The sun was down when I finally joined Mom at the table. She had seemingly hijacked The Salad Bar, explaining, “They had just finished restocking everything when we got here. I got all the best stuff, everything’s fresh! You should go get a salad!” I was pretty worn out after a full day of driving up from Newport and shopping. I got a salad, and as I recall, it was pretty sensational. Mom treated us to steaks, (this was before I stopped eating red meat), though neither of us could finish them (Doggie Bags!). She then insisted on dessert: two scoops of chocolate ice cream, with maybe two imperial pints of chocolate syrup over a double chocolate brownie with whipped cream and possibly other forms of chocolate which did nothing but promote diabetes, though it brought a smile to her face and was an excellent compliment to my coffee.
I miss those sensational Christmastime Shopping Sale Events. If only because it was such a thrill for Mom and she was always so happy. She would overdo it, overexerting herself so much that she mostly slept the entire ride home. Which was fine, as I would play reggae - she liked Bob Marley - and enjoy a leisurely drive back admiring the Christmas lights of the many hamlets and villages along the way.

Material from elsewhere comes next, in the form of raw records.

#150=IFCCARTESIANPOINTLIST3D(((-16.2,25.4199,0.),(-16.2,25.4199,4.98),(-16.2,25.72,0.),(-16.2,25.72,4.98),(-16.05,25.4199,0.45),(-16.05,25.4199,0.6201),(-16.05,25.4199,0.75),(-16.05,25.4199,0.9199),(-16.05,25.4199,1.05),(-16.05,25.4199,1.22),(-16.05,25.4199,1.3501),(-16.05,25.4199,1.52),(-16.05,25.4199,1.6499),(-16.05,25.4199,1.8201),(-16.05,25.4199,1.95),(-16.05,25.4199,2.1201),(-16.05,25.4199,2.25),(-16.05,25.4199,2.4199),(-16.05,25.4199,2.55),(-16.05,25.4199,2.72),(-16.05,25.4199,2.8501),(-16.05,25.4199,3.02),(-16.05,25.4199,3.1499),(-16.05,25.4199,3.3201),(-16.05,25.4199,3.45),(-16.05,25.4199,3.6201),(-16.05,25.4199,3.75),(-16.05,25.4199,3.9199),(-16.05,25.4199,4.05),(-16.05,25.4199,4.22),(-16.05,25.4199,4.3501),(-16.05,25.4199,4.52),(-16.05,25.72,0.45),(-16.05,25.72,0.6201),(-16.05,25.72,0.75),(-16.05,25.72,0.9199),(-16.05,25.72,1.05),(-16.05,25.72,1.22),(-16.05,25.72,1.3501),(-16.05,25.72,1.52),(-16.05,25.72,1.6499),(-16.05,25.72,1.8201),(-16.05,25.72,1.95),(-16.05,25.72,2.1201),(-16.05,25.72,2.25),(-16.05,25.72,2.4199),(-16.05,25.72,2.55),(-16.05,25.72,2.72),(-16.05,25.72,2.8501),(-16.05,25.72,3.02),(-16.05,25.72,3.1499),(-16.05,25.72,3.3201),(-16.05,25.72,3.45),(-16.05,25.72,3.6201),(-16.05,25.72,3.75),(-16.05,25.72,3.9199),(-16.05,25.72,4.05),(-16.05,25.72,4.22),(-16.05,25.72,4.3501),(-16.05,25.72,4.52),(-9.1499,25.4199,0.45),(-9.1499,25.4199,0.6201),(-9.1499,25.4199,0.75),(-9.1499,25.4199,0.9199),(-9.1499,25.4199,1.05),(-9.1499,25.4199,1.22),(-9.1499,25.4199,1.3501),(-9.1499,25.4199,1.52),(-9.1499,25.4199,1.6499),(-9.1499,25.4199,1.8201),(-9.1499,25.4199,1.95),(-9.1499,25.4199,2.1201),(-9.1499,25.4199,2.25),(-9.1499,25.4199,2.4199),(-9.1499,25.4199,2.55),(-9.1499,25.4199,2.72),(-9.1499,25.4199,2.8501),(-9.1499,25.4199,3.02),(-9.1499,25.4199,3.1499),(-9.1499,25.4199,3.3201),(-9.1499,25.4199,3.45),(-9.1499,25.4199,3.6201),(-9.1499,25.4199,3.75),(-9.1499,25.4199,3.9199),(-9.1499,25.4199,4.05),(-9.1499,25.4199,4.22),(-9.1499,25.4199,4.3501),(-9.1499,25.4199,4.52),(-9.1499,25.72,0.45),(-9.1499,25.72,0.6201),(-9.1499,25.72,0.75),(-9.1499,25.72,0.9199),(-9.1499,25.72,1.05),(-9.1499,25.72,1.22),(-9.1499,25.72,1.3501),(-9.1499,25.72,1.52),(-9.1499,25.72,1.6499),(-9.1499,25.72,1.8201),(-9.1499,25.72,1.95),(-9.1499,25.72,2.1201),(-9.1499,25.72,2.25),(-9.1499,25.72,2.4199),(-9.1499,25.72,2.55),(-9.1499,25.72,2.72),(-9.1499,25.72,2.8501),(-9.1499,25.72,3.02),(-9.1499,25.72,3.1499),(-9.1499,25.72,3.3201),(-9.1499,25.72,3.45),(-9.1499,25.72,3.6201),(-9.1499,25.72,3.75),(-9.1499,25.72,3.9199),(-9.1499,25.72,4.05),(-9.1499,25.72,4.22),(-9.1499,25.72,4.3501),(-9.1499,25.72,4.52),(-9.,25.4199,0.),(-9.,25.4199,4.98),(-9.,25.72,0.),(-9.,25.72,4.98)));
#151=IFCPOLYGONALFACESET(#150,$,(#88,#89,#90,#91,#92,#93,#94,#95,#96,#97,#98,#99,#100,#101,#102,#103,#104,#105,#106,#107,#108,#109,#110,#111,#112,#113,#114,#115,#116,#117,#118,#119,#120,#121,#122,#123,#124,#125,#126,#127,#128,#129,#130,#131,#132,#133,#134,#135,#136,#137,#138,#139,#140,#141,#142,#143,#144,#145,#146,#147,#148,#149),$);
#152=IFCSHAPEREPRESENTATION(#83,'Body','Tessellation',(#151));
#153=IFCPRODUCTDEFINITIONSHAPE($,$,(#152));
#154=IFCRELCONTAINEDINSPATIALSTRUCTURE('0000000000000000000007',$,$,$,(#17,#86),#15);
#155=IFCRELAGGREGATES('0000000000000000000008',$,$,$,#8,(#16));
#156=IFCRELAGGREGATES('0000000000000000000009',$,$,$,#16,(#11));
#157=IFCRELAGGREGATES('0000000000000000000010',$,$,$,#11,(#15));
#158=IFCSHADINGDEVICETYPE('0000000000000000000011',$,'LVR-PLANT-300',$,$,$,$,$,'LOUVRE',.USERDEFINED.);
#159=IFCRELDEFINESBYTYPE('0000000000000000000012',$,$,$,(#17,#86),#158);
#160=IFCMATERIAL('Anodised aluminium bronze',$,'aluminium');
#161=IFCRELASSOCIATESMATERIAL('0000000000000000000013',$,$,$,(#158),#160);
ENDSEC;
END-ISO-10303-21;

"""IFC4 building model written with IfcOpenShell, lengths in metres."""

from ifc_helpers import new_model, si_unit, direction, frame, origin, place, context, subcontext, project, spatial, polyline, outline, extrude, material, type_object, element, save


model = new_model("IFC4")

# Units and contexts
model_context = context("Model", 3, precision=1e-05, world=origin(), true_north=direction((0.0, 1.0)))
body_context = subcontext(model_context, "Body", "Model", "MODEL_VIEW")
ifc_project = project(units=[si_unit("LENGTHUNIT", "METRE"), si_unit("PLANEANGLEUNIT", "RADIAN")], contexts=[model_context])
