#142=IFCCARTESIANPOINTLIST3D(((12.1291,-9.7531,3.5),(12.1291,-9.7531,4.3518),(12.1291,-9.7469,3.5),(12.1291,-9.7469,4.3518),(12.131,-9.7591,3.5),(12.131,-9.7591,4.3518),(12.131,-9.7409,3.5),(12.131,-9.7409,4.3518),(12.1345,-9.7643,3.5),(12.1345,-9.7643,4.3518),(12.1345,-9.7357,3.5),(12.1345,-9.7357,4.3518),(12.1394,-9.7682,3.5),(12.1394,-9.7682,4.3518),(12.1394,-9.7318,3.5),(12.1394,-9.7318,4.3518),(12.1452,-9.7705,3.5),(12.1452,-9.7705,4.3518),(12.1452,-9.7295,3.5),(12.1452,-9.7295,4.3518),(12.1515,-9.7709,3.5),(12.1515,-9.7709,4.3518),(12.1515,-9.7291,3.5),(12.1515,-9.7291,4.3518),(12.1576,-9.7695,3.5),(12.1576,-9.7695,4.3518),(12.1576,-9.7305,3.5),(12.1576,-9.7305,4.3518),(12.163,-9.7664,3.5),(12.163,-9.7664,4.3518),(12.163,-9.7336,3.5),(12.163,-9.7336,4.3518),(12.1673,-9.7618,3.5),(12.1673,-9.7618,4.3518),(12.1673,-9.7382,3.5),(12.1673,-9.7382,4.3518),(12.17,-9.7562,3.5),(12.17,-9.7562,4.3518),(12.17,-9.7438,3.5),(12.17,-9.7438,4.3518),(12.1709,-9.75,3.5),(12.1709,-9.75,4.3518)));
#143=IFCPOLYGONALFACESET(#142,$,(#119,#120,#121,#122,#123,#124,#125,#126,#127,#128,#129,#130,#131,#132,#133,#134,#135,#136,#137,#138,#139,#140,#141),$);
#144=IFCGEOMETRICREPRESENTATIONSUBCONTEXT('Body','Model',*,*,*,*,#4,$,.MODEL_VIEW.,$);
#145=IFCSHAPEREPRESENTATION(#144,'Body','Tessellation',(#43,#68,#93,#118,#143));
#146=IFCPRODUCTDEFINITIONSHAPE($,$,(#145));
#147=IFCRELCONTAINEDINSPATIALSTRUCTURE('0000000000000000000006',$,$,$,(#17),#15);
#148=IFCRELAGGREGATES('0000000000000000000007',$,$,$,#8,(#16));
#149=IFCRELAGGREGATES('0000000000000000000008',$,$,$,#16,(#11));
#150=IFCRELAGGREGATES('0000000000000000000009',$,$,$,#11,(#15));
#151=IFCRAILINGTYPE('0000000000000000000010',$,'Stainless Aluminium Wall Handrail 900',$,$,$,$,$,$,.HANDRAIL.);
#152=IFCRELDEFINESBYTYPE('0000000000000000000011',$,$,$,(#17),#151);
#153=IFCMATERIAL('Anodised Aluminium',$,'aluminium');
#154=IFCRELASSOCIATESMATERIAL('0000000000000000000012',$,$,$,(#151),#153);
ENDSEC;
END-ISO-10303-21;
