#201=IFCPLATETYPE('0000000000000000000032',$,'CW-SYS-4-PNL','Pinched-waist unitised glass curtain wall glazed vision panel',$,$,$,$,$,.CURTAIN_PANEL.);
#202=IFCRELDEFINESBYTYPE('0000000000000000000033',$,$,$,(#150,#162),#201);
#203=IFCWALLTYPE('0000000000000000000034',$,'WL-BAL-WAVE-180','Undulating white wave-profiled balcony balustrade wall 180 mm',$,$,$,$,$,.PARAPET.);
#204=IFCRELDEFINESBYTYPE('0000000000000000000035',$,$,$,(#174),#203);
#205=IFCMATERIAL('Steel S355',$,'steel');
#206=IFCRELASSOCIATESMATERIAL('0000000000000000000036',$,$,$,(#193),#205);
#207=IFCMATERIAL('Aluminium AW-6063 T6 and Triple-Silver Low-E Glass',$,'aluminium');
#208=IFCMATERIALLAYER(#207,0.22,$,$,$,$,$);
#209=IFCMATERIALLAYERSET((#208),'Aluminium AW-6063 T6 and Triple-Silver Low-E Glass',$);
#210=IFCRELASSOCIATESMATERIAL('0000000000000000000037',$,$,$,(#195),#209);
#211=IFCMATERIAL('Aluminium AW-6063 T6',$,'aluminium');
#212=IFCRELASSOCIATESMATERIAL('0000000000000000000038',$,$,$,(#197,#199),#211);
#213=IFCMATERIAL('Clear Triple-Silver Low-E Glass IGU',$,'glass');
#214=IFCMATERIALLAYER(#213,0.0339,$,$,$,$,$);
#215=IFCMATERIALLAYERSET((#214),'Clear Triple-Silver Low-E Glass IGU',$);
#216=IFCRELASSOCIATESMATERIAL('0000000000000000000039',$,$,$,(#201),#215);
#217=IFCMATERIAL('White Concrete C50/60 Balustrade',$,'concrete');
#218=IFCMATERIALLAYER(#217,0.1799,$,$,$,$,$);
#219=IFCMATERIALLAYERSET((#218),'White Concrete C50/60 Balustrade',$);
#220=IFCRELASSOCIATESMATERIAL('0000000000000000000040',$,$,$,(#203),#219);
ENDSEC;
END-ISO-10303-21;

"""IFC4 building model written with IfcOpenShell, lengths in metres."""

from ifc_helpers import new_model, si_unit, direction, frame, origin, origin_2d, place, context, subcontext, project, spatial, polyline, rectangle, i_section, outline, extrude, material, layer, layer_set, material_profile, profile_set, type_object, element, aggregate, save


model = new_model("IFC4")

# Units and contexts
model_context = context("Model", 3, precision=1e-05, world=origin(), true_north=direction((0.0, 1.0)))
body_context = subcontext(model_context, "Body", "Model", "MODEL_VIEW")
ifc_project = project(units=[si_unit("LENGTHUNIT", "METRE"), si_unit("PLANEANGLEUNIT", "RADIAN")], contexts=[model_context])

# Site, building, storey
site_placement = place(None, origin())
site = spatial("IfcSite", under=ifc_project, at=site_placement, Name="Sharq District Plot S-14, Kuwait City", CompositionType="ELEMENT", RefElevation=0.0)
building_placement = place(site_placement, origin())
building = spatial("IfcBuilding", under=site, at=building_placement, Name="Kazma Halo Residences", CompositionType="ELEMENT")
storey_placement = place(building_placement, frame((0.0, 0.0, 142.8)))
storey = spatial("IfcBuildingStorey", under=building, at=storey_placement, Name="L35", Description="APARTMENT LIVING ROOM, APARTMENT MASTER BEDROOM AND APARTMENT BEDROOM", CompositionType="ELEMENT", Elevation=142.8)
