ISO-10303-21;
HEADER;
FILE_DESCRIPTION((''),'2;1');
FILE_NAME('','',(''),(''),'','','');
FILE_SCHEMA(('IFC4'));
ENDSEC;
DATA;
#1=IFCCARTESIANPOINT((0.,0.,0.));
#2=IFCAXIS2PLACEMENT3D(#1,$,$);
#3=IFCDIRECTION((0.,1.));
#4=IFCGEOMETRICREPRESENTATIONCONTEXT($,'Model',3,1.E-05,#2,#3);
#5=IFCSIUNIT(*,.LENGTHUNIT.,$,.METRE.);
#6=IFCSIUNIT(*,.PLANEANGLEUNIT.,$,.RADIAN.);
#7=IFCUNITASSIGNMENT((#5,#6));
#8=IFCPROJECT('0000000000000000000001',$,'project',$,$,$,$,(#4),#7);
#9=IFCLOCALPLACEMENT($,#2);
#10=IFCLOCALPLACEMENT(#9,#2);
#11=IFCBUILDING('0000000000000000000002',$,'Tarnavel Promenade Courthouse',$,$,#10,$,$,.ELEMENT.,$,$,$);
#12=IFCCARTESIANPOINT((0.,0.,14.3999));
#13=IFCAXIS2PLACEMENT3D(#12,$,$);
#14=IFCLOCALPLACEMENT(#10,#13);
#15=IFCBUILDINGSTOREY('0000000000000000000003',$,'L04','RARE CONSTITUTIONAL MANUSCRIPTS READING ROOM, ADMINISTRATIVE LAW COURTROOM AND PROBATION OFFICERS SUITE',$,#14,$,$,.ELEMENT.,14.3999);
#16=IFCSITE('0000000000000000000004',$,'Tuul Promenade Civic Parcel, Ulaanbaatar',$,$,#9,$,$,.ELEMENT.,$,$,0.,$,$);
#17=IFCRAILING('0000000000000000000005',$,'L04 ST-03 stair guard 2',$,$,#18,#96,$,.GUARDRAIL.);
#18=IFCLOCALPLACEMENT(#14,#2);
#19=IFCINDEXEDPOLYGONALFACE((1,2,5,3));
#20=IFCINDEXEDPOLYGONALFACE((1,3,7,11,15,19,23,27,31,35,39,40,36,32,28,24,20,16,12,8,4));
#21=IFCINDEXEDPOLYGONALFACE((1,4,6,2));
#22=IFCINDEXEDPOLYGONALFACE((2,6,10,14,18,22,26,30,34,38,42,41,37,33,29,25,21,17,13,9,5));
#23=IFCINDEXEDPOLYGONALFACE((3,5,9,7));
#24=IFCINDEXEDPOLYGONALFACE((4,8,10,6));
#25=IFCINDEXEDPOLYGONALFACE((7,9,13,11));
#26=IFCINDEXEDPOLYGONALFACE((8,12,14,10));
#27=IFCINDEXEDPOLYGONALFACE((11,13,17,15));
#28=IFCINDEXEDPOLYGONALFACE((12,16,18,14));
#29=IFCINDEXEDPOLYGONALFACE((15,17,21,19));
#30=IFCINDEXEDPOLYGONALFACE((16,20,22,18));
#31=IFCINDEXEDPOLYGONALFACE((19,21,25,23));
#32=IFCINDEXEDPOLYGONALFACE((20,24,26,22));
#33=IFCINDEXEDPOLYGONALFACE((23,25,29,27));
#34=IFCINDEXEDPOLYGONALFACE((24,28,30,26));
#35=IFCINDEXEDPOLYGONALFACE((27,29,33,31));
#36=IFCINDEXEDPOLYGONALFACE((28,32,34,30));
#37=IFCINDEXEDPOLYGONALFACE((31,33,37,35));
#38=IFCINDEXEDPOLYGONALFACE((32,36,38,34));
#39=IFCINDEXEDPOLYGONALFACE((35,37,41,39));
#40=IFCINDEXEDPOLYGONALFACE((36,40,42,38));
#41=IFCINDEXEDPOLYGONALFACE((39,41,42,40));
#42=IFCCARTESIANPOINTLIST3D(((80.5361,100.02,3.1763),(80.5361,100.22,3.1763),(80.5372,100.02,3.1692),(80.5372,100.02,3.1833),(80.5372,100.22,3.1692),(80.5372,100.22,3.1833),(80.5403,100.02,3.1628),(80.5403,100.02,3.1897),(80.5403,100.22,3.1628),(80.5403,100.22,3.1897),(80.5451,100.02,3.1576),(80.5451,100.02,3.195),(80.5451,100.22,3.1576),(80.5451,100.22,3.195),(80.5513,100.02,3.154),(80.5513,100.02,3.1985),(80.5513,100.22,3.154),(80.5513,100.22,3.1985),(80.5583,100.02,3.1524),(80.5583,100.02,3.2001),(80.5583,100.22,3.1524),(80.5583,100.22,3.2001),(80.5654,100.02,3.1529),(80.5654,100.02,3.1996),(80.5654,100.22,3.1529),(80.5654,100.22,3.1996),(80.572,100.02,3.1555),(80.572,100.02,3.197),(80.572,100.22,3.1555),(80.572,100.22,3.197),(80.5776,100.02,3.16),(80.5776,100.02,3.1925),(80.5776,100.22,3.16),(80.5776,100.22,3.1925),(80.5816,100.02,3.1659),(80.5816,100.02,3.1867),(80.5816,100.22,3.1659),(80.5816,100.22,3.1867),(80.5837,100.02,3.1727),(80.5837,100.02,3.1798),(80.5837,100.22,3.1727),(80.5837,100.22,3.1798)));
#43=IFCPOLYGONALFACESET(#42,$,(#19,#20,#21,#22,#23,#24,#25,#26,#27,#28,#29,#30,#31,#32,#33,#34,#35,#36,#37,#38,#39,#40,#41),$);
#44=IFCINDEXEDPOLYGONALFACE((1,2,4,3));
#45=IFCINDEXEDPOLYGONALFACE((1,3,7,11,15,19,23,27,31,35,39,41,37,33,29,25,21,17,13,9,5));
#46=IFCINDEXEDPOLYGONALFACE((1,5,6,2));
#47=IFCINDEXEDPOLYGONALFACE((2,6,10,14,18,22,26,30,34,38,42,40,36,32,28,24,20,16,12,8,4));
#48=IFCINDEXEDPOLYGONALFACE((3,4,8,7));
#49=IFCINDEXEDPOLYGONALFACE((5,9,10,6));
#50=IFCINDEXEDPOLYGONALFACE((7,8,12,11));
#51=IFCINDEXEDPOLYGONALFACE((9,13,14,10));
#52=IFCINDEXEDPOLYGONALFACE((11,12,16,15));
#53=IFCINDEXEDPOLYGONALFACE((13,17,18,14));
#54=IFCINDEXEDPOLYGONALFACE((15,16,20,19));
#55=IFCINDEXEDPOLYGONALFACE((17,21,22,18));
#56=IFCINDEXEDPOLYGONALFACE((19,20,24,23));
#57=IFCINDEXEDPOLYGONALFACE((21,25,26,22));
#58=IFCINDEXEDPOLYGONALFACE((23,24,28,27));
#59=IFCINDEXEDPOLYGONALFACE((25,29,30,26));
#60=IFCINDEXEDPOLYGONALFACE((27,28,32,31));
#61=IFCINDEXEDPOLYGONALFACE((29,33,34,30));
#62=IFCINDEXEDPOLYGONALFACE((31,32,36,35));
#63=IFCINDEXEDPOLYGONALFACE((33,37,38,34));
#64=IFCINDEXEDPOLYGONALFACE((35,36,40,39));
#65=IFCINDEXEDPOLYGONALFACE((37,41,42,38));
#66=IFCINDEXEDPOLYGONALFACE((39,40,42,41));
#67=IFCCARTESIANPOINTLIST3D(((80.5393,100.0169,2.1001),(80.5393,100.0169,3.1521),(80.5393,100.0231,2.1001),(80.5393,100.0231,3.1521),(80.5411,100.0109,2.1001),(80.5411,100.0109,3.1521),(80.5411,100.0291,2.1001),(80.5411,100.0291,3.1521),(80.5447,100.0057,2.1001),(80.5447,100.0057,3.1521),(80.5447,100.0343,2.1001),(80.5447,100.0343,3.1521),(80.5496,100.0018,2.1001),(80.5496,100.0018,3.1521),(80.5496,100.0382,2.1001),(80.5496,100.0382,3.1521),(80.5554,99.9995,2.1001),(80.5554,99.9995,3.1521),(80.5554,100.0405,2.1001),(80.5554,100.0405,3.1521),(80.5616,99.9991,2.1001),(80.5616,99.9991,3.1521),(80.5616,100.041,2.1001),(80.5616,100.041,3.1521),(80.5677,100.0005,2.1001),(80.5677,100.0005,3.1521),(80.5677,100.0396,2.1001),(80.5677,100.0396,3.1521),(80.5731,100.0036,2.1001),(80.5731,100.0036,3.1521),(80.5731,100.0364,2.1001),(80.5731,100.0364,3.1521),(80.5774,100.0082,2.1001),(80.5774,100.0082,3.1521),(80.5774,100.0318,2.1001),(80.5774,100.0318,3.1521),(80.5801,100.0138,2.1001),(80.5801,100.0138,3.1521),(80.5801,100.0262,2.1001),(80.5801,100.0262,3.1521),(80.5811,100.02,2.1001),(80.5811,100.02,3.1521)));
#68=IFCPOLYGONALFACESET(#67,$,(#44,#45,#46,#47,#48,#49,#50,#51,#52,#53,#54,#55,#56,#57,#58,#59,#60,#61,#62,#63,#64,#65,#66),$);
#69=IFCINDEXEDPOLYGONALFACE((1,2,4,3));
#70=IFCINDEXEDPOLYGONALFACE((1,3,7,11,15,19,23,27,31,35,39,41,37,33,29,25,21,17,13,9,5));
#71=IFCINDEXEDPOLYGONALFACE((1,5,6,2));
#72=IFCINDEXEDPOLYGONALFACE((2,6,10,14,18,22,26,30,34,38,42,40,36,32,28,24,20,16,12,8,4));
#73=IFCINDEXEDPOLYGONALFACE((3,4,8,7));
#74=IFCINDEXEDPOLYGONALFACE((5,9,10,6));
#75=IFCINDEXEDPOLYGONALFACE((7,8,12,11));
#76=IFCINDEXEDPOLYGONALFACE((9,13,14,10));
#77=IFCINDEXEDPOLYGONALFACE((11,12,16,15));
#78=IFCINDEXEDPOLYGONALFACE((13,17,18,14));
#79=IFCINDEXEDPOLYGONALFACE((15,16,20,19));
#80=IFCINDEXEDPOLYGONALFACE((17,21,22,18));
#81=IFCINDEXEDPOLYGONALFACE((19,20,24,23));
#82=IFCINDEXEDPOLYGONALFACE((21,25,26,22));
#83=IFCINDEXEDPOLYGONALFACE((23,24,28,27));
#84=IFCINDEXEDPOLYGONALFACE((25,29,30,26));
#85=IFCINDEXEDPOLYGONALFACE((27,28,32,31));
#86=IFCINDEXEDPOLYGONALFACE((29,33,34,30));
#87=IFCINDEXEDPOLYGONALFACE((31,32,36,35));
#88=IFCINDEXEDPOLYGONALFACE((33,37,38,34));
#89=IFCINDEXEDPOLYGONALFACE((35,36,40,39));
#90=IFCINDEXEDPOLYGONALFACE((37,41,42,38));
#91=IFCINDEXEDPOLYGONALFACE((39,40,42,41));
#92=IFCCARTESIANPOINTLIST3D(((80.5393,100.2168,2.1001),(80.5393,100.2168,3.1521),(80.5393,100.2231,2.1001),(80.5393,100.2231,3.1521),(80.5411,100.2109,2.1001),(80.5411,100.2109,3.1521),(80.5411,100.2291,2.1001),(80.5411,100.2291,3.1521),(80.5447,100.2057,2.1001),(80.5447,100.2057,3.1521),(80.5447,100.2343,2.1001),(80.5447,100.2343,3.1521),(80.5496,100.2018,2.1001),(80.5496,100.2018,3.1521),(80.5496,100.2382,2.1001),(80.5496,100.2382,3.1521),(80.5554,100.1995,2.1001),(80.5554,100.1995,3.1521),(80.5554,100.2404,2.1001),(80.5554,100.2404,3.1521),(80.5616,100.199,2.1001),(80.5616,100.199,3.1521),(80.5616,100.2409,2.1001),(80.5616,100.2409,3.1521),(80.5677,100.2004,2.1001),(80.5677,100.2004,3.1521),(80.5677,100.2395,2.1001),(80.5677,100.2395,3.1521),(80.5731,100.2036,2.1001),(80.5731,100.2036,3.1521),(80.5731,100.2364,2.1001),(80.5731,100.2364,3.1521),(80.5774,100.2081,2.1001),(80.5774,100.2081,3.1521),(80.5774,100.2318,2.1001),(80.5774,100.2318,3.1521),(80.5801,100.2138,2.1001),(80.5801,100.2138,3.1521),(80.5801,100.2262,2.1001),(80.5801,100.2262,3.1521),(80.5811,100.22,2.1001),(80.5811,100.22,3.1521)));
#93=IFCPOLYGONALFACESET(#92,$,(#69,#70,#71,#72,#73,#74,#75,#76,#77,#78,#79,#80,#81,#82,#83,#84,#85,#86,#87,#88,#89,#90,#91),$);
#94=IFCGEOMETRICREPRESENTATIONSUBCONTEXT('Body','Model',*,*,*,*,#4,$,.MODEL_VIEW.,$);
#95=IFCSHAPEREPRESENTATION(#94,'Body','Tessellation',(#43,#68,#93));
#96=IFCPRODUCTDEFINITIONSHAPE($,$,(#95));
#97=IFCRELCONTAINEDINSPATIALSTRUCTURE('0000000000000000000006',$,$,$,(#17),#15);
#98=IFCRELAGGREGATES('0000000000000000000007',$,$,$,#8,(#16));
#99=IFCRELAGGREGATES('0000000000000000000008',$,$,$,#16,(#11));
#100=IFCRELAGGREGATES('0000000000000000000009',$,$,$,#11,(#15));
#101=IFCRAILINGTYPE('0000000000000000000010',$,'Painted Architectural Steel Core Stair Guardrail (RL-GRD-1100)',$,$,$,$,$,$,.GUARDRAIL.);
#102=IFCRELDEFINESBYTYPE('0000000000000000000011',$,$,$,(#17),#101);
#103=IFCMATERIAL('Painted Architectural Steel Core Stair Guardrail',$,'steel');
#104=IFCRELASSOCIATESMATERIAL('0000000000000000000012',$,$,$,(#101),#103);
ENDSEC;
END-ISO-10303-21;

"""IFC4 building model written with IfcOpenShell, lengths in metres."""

from ifc_helpers import new_model, si_unit, direction, frame, origin, origin_2d, place, context, subcontext, project, spatial, circle, extrude, material, type_object, element, save


model = new_model("IFC4")

# Units and contexts
model_context = context("Model", 3, precision=1e-05, world=origin(), true_north=direction((0.0, 1.0)))
body_context = subcontext(model_context, "Body", "Model", "MODEL_VIEW")
ifc_project = project(units=[si_unit("LENGTHUNIT", "METRE"), si_unit("PLANEANGLEUNIT", "RADIAN")], contexts=[model_context])

# Site, building, storey
site_placement = place(None, origin())
site = spatial("IfcSite", under=ifc_project, at=site_placement, Name="Tuul Promenade Civic Parcel, Ulaanbaatar", CompositionType="ELEMENT", RefElevation=0.0)
building_placement = place(site_placement, origin())
building = spatial("IfcBuilding", under=site, at=building_placement, Name="Tarnavel Promenade Courthouse", CompositionType="ELEMENT")
storey_placement = place(building_placement, frame((0.0, 0.0, 14.3999)))
storey = spatial("IfcBuildingStorey", under=building, at=storey_placement, Name="L04", Description="RARE CONSTITUTIONAL MANUSCRIPTS READING ROOM, ADMINISTRATIVE LAW COURTROOM AND PROBATION OFFICERS SUITE", CompositionType="ELEMENT", Elevation=14.3999)

# Railing
ifc_material_1 = material(Name="Painted Architectural Steel Core Stair Guardrail", Category="steel")
railing_type_1 = type_object("IfcRailingType", Name="Painted Architectural Steel Core Stair Guardrail (RL-GRD-1100)", PredefinedType="GUARDRAIL", material=ifc_material_1)
railing_1_placement = place(storey_placement, frame((80.5601, 100.02, 2.1001)))
element("IfcRailing", 1, at=railing_1_placement, inside=storey, type_object=railing_type_1, Name="L04 ST-03 stair guard 2", PredefinedType="GUARDRAIL", context=body_context, shape_type="SweptSolid", body=[
    extrude(circle(Radius=0.0239, at=origin_2d()), frame((0.0, 0.0, 1.0762), z_axis=(0.0, 1.0, 0.0), x_axis=(-1.0, 0.0, 0.0)), (0.0, 0.0, 1.0), 0.2),
    extrude(circle(Radius=0.021, at=origin_2d()), origin(), (0.0, 0.0, 1.0), 1.052),
    extrude(circle(Radius=0.021, at=origin_2d()), frame((0.0, 0.2, 0.0)), (0.0, 0.0, 1.0), 1.052),
])

save(model, "model.ifc")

In only a few weeks, it will be one year since my Mother passed. Rather than remain mired in grief, I am trying to move on by celebrating her life and the happiness she brought me, even when she drove me slightly nuts doing so. That’s what Mothers do, I guess (I saw that on Facebook).
In the meantime, for me it’s life one day at a time; and on this day, I choose to celebrate My Sainted Mother.
Happy Mother’s Day!
*I am not 100% certain it was Ruby Tuesday’s; but it was a national chain that featured a well-appointed salad bar.